Tout intéressé dispose d’un délai de 10 jours pour former une surenchère du 10ème.

Dans ce cas, l’adjudication initiale est mise à néant, et une nouvelle adjudication a lieu deux à trois mois plus tard, sur la nouvelle mise à prix. Cette mise à prix correspond au prix d’adjudication initiale augmentée de 10%.

Les frais préalables de cette vente sur surenchère comprendront les frais de la 1ère vente et ceux de la vente sur surenchère.

Le cabinet appliquera un forfait de 1500 € HT pour porter une surenchère.

Quand doit-on payer le prix d’adjudication ?

En règle générale, le prix d’adjudication et les intérêts sur ce prix doivent être réglés dans un délai de deux mois à compter de l’adjudication définitive en un chèque établi à l’attention de Monsieur le Bâtonnier de l’Ordre des Avocats.

Passé ce délai de deux mois, le prix d’adjudication portera intérêt au taux légal (à compter de l’adjudication définitive) :

Au-delà de quatre mois, le taux sera le taux légal majoré de cinq points, jusqu’à parfait paiement.

Au-delà du délai de quatre mois, la réitération des enchères peut être réclamée par tout intéressé, c’est-à-dire que le bien peut être remis en vente.

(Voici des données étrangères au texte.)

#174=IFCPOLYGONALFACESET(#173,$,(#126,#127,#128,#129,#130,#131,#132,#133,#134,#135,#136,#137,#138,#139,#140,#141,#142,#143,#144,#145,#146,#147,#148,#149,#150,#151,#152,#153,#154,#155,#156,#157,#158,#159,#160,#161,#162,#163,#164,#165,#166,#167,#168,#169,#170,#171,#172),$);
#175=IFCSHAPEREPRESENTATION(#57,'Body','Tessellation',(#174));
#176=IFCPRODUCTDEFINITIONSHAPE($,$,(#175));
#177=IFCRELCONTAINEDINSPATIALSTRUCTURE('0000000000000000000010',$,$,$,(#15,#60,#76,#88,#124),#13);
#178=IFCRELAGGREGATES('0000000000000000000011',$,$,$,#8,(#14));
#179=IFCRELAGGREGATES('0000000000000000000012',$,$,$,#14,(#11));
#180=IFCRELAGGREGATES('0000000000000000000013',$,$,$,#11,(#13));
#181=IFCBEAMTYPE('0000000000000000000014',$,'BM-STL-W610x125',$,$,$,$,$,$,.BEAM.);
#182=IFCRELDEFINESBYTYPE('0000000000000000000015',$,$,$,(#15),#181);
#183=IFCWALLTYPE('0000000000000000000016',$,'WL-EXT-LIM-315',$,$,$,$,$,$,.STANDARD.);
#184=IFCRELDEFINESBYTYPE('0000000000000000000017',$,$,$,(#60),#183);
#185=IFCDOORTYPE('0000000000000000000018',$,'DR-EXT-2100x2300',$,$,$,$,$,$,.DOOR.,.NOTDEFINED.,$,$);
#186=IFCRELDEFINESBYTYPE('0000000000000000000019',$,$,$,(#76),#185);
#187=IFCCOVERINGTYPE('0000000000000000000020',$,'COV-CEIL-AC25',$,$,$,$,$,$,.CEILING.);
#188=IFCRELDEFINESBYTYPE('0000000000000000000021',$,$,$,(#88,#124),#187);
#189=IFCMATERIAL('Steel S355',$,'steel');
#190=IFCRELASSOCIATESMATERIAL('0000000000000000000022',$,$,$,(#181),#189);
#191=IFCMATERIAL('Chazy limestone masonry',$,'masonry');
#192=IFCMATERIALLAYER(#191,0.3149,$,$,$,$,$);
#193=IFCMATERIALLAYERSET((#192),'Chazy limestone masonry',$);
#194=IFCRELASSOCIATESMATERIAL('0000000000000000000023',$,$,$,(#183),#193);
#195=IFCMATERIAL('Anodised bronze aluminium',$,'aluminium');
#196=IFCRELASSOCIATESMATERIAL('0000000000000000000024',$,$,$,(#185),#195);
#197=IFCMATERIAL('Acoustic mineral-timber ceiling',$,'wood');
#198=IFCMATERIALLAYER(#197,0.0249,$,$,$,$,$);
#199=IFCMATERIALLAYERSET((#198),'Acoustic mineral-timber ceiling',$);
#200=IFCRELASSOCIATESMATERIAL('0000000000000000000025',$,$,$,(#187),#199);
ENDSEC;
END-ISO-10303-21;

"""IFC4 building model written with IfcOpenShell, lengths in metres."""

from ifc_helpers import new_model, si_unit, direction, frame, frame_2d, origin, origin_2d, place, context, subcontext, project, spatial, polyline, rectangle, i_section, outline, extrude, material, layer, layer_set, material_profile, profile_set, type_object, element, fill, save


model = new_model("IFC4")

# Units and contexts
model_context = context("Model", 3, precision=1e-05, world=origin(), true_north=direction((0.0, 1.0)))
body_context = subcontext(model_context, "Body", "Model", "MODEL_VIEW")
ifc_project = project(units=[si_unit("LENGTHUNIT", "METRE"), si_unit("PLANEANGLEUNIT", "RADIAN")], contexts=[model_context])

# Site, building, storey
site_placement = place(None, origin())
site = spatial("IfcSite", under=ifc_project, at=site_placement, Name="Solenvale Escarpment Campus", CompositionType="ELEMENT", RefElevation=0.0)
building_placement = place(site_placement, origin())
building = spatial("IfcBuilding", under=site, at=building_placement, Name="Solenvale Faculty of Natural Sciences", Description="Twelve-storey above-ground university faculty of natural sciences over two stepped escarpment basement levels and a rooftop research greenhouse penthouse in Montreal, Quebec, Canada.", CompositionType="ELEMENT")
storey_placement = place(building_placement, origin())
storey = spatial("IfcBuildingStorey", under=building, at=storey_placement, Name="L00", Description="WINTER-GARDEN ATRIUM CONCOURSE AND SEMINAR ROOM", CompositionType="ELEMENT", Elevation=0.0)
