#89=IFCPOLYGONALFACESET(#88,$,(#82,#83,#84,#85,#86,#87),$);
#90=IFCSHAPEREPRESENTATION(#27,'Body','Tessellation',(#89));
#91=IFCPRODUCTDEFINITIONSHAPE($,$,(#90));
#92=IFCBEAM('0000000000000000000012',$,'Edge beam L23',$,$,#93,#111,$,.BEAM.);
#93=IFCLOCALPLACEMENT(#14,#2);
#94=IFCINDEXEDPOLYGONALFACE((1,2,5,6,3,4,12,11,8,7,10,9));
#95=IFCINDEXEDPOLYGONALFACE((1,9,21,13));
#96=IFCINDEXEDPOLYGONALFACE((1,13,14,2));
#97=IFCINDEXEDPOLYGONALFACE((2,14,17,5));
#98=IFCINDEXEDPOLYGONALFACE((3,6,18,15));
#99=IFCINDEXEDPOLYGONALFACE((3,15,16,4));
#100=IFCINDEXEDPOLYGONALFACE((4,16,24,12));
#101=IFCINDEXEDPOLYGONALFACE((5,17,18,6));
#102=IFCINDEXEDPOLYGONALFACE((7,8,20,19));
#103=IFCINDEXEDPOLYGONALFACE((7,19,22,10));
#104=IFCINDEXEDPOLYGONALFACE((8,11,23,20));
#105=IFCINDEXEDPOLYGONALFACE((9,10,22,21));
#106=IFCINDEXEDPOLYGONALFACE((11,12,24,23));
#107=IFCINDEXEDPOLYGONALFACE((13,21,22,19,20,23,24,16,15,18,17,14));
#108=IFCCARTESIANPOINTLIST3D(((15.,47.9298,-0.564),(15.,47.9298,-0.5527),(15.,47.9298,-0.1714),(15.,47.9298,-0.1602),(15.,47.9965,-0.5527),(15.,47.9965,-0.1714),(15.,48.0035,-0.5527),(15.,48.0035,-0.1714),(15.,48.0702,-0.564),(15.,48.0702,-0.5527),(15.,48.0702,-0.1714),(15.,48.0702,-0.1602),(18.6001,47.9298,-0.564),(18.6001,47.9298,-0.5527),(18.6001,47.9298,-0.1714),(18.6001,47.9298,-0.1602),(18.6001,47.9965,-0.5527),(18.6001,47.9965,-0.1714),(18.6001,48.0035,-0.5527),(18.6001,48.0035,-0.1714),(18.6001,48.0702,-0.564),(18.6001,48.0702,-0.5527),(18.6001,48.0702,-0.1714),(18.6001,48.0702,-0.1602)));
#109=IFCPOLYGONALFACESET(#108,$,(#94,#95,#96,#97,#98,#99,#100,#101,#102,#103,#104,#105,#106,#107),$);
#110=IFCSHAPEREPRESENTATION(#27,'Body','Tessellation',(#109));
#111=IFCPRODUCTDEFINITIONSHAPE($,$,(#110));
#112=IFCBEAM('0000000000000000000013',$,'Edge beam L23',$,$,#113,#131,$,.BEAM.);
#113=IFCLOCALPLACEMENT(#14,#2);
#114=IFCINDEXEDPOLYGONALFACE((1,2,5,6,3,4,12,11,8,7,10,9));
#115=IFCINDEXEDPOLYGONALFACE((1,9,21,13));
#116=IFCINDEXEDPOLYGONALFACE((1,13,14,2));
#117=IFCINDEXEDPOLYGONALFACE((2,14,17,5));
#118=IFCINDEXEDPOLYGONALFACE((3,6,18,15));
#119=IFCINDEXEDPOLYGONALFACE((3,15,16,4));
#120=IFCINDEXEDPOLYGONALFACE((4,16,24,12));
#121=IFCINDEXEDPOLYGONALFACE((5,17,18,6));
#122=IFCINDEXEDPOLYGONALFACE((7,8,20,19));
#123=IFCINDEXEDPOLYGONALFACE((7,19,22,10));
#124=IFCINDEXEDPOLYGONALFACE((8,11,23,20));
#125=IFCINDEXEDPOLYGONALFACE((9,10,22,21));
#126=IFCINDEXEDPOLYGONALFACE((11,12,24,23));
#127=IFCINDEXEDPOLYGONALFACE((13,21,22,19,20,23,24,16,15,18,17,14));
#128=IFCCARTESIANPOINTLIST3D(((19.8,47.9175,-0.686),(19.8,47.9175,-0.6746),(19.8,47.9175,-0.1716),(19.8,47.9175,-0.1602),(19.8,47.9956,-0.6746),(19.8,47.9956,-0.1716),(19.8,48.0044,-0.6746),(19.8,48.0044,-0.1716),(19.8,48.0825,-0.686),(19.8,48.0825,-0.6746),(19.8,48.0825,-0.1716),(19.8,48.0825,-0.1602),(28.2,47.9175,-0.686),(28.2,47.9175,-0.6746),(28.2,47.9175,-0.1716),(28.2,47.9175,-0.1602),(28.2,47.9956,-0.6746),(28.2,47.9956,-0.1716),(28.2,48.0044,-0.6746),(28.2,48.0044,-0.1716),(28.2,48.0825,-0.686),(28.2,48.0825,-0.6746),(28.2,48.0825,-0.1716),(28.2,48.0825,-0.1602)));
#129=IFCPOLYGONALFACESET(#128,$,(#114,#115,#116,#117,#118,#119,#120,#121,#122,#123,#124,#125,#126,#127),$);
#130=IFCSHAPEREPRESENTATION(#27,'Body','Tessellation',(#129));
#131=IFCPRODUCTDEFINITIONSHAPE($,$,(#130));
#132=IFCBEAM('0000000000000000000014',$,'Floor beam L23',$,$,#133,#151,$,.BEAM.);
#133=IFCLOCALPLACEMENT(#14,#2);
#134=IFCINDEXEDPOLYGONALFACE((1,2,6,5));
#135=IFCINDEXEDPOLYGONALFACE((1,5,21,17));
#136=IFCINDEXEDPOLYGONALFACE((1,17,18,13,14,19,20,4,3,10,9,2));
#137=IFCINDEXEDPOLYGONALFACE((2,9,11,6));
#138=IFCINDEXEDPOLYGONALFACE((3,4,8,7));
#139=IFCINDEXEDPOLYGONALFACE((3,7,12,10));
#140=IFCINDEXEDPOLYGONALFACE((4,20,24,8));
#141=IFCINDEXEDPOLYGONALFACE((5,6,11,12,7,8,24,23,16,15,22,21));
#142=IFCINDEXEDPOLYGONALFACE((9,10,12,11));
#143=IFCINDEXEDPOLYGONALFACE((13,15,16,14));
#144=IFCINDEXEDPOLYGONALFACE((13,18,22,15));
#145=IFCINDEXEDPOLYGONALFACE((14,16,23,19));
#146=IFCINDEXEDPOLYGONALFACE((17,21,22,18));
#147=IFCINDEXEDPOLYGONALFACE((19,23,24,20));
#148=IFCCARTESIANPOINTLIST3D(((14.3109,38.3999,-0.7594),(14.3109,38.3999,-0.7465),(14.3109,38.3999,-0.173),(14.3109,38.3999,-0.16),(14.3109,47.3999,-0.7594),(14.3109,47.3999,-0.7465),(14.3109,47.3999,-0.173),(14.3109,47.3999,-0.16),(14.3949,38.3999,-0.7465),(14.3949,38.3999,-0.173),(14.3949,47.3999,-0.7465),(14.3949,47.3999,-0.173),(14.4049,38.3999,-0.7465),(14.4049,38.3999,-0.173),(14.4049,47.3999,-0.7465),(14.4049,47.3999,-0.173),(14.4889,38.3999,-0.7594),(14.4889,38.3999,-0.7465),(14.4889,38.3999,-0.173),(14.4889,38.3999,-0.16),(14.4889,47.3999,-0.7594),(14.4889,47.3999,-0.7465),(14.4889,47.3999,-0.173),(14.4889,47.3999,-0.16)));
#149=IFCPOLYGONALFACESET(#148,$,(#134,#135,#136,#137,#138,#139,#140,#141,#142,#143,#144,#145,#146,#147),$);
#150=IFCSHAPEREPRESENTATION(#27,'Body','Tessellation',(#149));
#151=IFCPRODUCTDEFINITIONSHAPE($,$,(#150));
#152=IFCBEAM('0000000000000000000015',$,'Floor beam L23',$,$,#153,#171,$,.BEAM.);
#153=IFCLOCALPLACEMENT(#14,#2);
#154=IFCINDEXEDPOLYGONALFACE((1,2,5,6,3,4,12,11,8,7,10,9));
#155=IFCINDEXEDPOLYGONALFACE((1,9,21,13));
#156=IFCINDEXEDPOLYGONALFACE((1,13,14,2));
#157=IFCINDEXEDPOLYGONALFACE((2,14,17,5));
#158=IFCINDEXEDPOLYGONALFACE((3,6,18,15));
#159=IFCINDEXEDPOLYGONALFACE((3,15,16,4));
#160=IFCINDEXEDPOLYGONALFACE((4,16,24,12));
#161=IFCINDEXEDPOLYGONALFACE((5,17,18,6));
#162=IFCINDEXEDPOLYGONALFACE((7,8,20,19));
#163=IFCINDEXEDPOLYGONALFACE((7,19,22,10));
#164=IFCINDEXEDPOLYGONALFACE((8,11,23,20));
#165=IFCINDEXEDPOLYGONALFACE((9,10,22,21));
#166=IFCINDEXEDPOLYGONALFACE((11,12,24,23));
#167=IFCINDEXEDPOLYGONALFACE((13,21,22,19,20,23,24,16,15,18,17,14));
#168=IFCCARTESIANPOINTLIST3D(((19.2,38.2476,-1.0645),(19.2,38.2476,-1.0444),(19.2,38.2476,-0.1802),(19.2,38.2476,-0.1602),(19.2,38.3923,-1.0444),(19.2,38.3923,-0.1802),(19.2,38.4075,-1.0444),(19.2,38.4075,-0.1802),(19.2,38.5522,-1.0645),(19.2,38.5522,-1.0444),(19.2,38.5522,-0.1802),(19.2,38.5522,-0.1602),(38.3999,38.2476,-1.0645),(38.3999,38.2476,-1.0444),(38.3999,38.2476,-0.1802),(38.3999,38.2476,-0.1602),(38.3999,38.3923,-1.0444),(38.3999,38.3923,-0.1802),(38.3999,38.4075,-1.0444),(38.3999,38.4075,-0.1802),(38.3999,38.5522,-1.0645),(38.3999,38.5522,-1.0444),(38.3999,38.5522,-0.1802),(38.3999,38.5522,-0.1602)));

Que faire si le bien est occupé ?

Il faut distinguer l’occupation en vertu d’un titre d’occupation et celle sans droit ni titre. Le jugement d’adjudication vaut titre d’expulsion.

Quand dispose-t-on du titre de propriété ?

Après l’adjudication, l’avocat établit une attestation de propriété.

Pour autant, le jugement d’adjudication comprenant notamment le cahier des conditions de vente, ne peut être remis immédiatement, et les jugements d’adjudication ne sont délivrés généralement qu’après plusieurs mois.

L’absence de délivrance du jugement d’adjudication ne dispense en aucun cas de la consignation du prix dans le délai de 2 mois après l’adjudication.

Est-on tenu des dettes et arriérés des charges de copropriété dus par le saisi ?

L’adjudicataire ne peut être tenu de l’arriéré de charges de copropriété du par le saisi. Il n’est pas davantage tenu des dettes.